This sounds pretty normal to me. Babies sleep a ton. I got Norman the day he turned 6 weeks old, and he did pretty much everything you described. He'd sleep through most of our bonding time. He'd sleep when I put him back in his cage. He'd sleep through the better part of the night. Eat a bit. Explore a little. Get a drink. Get tired and slept through more of the night. Up again to eat/drink/explore. Back to sleep. Sleep through the day... Your little one will probably spend most of his time sleeping for a number of weeks. Babies are experts at pooping and sleeping. :lol:

Since you only brought him home on Tuesday, he'll still be settling in and getting used to the new sights, smells, sounds, and the strange people handling him. There's nothing wrong with taking him out for bonding time during the day. If you take him out while he's trying to sleep, just make sure you give him somewhere dark he can curl up and go back to sleep in your lap. I usually just fold over the bottom part of my shirt and he'll snuggle in there. It sounds like you're doing everything right though. If he's sleeping in the shirt in his cage, he's also learning that your smell means safety and comfort.


----------



## MoonBean (Feb 22, 2011)

Thank you for the reassurance. I'm a worrier, so I tend to over-analyze things at times. I really love my little Juju already and want to make sure he is a happy and well cared for hedgehog. 

I realize now it got a little bit cooler in the room he's in last night as the temperature outside dropped to the high 60's (we are in Florida, so it never gets really cold) and he didn't have any heater on. The heater didn't seem needed as that part of the room has been staying right around 75. I need to keep a better eye on the weather. I don't think he was trying to hibernate, just a little chilly maybe?


----------



## MissC (Nov 15, 2010)

If you weren't a worrier before, you will be shortly after living with a hedgie, anyway.  

What type of cage/heat/light are you using? Typically, room temperature isn't enough - even in nice warm places like Florida (it's minus 23 here today - about -10 to you). You would usually find it too wamr: 73-78 degrees is best for our little guys. Even tho' our apartment is verrry warm, I use a CHE system to ensure the temp for Snarf stays constant. Hibernation is very serious and a very real concern and can be caused by inadequate heat & light: very simple to solve but very serious conseqences.

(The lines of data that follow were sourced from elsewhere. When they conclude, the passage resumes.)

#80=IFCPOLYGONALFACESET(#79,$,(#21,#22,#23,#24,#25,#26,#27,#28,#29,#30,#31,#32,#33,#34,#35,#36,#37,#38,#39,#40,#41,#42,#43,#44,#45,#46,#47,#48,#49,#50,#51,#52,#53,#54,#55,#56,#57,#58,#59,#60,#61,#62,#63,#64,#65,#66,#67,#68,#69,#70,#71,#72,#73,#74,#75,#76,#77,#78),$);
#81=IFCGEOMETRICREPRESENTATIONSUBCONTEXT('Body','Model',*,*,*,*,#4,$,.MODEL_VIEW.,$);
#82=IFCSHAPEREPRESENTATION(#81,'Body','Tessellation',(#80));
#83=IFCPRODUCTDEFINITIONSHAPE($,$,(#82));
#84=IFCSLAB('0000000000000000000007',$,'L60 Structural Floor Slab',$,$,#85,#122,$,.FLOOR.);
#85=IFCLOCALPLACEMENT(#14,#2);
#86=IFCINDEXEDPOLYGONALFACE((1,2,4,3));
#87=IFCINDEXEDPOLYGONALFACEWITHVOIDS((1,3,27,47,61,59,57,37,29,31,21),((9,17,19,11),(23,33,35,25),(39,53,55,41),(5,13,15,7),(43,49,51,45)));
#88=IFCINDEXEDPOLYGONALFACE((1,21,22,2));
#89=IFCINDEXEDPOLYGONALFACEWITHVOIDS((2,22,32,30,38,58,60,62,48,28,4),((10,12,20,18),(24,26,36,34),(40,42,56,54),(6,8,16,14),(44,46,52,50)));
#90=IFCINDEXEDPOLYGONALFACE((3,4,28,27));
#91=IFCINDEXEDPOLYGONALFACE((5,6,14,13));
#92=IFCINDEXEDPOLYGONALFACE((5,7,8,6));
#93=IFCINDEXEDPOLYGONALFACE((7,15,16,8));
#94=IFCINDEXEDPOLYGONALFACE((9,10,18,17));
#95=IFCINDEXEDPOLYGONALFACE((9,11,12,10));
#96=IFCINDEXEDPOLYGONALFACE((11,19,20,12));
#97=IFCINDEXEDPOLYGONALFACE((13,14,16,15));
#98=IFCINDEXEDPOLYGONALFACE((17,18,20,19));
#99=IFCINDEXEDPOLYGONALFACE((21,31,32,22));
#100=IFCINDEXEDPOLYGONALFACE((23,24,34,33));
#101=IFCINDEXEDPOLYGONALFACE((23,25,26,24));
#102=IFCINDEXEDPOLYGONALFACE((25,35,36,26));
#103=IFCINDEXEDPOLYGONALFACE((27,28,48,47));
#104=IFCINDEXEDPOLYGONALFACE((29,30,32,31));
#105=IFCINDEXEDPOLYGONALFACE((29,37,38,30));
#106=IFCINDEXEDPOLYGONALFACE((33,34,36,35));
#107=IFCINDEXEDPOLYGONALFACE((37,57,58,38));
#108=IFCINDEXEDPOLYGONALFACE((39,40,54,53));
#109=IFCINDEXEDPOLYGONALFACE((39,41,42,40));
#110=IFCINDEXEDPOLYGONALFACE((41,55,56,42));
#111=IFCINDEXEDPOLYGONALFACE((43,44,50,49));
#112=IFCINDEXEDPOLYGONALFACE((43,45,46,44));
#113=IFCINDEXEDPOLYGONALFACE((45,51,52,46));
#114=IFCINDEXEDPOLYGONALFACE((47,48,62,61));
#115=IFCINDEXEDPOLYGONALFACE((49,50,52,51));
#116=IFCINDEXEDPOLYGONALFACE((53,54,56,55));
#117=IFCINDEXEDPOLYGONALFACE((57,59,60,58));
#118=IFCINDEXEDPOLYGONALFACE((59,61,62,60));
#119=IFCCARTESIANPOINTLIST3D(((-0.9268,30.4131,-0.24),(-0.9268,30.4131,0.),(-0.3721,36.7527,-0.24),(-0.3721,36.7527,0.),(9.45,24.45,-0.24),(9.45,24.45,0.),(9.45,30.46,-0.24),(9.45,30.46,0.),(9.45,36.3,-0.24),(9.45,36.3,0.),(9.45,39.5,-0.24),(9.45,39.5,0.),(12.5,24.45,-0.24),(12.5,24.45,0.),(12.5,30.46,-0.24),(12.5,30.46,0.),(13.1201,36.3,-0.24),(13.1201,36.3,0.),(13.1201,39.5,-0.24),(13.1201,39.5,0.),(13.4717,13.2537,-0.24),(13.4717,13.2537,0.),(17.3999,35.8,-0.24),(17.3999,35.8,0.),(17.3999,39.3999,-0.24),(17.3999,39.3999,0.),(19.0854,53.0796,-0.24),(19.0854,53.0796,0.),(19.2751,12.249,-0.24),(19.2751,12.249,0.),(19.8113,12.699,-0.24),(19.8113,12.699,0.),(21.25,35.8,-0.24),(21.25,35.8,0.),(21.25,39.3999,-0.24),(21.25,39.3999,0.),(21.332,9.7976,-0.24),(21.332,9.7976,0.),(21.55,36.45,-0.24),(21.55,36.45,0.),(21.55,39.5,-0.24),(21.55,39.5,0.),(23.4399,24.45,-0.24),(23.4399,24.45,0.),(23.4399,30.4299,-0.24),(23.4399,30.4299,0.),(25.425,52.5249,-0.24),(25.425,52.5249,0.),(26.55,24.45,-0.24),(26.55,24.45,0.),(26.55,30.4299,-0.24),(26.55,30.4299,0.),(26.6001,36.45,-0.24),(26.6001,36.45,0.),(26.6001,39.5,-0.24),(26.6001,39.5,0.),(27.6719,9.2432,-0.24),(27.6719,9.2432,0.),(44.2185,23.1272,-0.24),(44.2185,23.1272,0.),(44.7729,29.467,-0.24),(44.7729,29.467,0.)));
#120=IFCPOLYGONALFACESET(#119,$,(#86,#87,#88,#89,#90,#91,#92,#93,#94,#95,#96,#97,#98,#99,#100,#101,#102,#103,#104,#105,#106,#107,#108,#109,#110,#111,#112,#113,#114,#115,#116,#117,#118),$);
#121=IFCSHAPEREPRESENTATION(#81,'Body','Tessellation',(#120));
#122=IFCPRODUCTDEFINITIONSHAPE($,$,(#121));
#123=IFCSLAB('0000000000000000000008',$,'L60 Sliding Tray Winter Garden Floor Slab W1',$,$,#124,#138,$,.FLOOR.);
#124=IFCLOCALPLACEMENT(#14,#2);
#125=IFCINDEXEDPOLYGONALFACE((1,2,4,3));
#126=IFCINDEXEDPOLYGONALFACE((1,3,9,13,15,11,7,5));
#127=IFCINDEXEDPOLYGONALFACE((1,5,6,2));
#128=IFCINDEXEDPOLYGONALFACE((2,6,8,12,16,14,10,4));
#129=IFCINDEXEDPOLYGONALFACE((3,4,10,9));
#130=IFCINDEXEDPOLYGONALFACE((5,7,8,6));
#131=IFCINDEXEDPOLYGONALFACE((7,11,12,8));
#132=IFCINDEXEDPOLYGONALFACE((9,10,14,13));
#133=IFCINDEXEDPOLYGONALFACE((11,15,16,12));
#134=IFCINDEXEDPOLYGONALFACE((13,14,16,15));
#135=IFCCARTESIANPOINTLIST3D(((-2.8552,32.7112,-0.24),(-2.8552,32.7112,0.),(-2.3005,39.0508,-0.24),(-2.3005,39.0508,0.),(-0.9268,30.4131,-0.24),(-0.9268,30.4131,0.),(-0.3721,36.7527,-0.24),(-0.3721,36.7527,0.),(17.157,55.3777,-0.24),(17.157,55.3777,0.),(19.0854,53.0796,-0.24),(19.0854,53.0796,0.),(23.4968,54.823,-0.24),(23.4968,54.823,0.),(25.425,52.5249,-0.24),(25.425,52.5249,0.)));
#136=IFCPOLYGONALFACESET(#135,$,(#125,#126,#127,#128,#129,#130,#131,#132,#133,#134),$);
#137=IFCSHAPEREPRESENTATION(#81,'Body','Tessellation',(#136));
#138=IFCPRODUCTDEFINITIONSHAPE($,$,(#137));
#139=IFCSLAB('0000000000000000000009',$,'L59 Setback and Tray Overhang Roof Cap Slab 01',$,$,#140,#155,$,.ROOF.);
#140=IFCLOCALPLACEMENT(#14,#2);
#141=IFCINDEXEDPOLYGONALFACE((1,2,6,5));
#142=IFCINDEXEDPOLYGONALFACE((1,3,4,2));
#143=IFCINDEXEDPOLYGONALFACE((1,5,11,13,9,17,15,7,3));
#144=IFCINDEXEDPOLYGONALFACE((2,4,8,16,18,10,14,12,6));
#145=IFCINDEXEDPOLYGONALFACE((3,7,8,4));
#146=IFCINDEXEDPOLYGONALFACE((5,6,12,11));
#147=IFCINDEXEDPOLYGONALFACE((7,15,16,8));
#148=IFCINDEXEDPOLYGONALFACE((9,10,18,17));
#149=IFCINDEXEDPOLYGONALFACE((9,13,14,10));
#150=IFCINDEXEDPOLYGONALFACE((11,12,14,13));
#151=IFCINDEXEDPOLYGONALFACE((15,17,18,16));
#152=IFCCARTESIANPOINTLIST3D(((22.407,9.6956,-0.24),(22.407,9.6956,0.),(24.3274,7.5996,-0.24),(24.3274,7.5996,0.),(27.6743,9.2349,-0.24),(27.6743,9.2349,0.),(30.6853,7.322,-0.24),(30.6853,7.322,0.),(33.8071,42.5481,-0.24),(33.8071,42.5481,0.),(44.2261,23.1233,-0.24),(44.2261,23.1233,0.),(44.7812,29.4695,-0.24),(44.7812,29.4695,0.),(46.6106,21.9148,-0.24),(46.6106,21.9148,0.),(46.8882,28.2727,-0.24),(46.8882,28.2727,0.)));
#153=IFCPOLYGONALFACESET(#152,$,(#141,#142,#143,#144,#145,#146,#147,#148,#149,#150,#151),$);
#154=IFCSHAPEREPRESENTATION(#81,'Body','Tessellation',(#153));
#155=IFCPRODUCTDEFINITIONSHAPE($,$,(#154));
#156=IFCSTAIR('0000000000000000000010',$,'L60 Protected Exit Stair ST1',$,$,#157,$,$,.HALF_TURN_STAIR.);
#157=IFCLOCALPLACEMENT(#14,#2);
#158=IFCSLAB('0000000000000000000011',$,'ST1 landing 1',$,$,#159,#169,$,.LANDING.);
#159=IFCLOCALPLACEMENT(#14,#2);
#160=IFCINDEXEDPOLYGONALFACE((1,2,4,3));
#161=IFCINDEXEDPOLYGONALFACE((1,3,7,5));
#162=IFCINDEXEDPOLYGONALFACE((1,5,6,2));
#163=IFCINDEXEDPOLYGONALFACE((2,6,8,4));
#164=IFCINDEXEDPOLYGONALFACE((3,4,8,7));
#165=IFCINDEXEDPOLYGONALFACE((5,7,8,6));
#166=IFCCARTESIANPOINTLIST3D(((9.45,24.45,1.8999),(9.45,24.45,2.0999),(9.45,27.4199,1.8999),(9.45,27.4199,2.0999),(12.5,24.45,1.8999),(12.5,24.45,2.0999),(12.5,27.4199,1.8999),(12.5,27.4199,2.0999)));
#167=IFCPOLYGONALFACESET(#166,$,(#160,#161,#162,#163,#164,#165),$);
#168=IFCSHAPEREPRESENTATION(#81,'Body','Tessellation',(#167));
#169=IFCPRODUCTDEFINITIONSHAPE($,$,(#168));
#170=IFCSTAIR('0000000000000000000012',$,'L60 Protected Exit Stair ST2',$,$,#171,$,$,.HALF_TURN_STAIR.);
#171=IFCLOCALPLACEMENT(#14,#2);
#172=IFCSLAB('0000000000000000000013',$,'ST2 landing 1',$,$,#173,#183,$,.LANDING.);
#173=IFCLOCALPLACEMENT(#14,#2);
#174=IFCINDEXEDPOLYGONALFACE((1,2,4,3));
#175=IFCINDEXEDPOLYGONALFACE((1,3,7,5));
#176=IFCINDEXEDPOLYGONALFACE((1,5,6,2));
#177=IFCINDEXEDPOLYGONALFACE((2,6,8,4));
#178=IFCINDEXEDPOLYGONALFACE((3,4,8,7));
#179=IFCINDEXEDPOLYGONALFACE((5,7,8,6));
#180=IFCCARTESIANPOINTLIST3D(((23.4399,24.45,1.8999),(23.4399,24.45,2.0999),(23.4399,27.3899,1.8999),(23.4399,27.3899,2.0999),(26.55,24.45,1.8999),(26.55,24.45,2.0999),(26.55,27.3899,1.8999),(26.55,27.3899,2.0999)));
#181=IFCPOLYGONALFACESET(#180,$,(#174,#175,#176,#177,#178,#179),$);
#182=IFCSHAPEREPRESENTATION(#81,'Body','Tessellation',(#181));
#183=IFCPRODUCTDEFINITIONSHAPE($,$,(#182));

There's a lot of info on the stickies under "Housing & Accessories" if you would rather look the info up...or just let us know what you're using and we will help where we can.


----------



## MoonBean (Feb 22, 2011)

He's got a desk lamp for light and I have a ceramic heater next to him that I haven't turned on yet as it seemed very warm at his cage and my thermometer was reading 73-76. I've been reading through some of the posts about set ups and plan on doing some renovations. I think his cage is a little on the small side, 24" x 16", and would like to get a thermostat and better heat and light source. I'll do some research and start making some improvements to his set up. I think for tonight I'll turn his heater on low.


----------



## MissC (Nov 15, 2010)

MoonBean said:


> He's got a desk lamp for light and I have a ceramic heater next to him that I haven't turned on yet as it seemed very warm at his cage and my thermometer was reading 73-76. I've been reading through some of the posts about set ups and plan on doing some renovations. I think his cage is a little on the small side, 24" x 16", and would like to get a thermostat and better heat and light source. I'll do some research and start making some improvements to his set up. I think for tonight I'll turn his heater on low.

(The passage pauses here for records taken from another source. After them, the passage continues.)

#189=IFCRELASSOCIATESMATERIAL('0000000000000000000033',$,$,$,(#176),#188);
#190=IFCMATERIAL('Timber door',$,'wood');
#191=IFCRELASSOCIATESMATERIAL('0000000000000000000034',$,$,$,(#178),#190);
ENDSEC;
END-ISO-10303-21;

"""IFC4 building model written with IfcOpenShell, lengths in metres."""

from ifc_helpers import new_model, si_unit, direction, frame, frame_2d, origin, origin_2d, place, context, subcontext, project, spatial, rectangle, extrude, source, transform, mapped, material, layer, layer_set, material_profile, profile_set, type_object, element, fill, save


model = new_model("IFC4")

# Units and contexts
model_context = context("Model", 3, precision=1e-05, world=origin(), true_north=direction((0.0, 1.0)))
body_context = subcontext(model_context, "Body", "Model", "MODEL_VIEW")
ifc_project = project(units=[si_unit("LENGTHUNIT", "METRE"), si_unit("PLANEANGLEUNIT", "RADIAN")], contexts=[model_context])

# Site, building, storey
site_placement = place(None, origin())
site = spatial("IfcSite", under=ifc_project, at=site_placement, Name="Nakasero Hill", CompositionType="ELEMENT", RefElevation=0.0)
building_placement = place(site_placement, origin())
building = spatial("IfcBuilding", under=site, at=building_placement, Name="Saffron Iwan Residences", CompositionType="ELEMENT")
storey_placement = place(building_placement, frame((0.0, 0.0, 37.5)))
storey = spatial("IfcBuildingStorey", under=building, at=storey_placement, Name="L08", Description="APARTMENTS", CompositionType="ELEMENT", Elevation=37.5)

A larger cage can wait a bit...all he's going to do is sleep all day for now, anyway! :lol: The light sourse is fine - a desk lamp will work well...how many hours is it on? You should aim for 12-14 hours a day...I use a power-strip with a timer so I don't have to remember to turn on/off Snarf's light.

Do you have a thermostat? You should have one to regulate the cage temp or it can get waaaaay too hot and may harm your critter. The nice thing about them is they only kick in when the temp drops, so the heat isn't on and drawing power all the time. I find mine only kicks in at night as the room temp is warm enough during the day.


----------



## MoonBean (Feb 22, 2011)

I'm gonna try to find a thermostat today. I certainly don't want my little guy to get cold while I'm sleeping. His was on from 8am to 8ish pm yesterday, and was on at 8am today. I think that will be his regular lighting schedule.


----------



## MissC (Nov 15, 2010)

MoonBean said:


> I'm gonna try to find a thermostat today. I certainly don't want my little guy to get cold while I'm sleeping. His was on from 8am to 8ish pm yesterday, and was on at 8am today. I think that will be his regular lighting schedule.


You're a good hedgie mama (papa?)!! 

A thermostat for now and you should be set for awhile!! A lot of people here have the ReptiTemp 500R, me included. Works great and was only $50 or so. It takes a bit of fiddling at first but once you have the setting right, it does it's job well. Don't let anyone talk you into a Rheostat...don't remember why...but won't work.

Lighting 8-8 is just fine and if your memory is better than mine, you can just continue to turn light on/off. 

I am SO excited for you!!!


----------



## MoonBean (Feb 22, 2011)

Thanks! (It's mama by the way)

He woke up again and I managed to give him his first mealworm treat. I've been hesitant to do it because, well, worms are gross! I did it though, and he LOVED his mealies. He's just such an interesting, entertaining, curious little guy. I am so glad my hubby got him for me


----------



## MissC (Nov 15, 2010)

What a big day of firsts!!! Mealies for the first time for both of you. I feel your pain: I don't think anyone on HHC doesn't know EXACTLY how I feel about the squirmy, crunchy, disgusting little things. Wait until you get an alien, tho'! Ten times worse. 

He will only get more interesting, entertaining & curious as he grows. And he'll share less poop, too!! :lol:


----------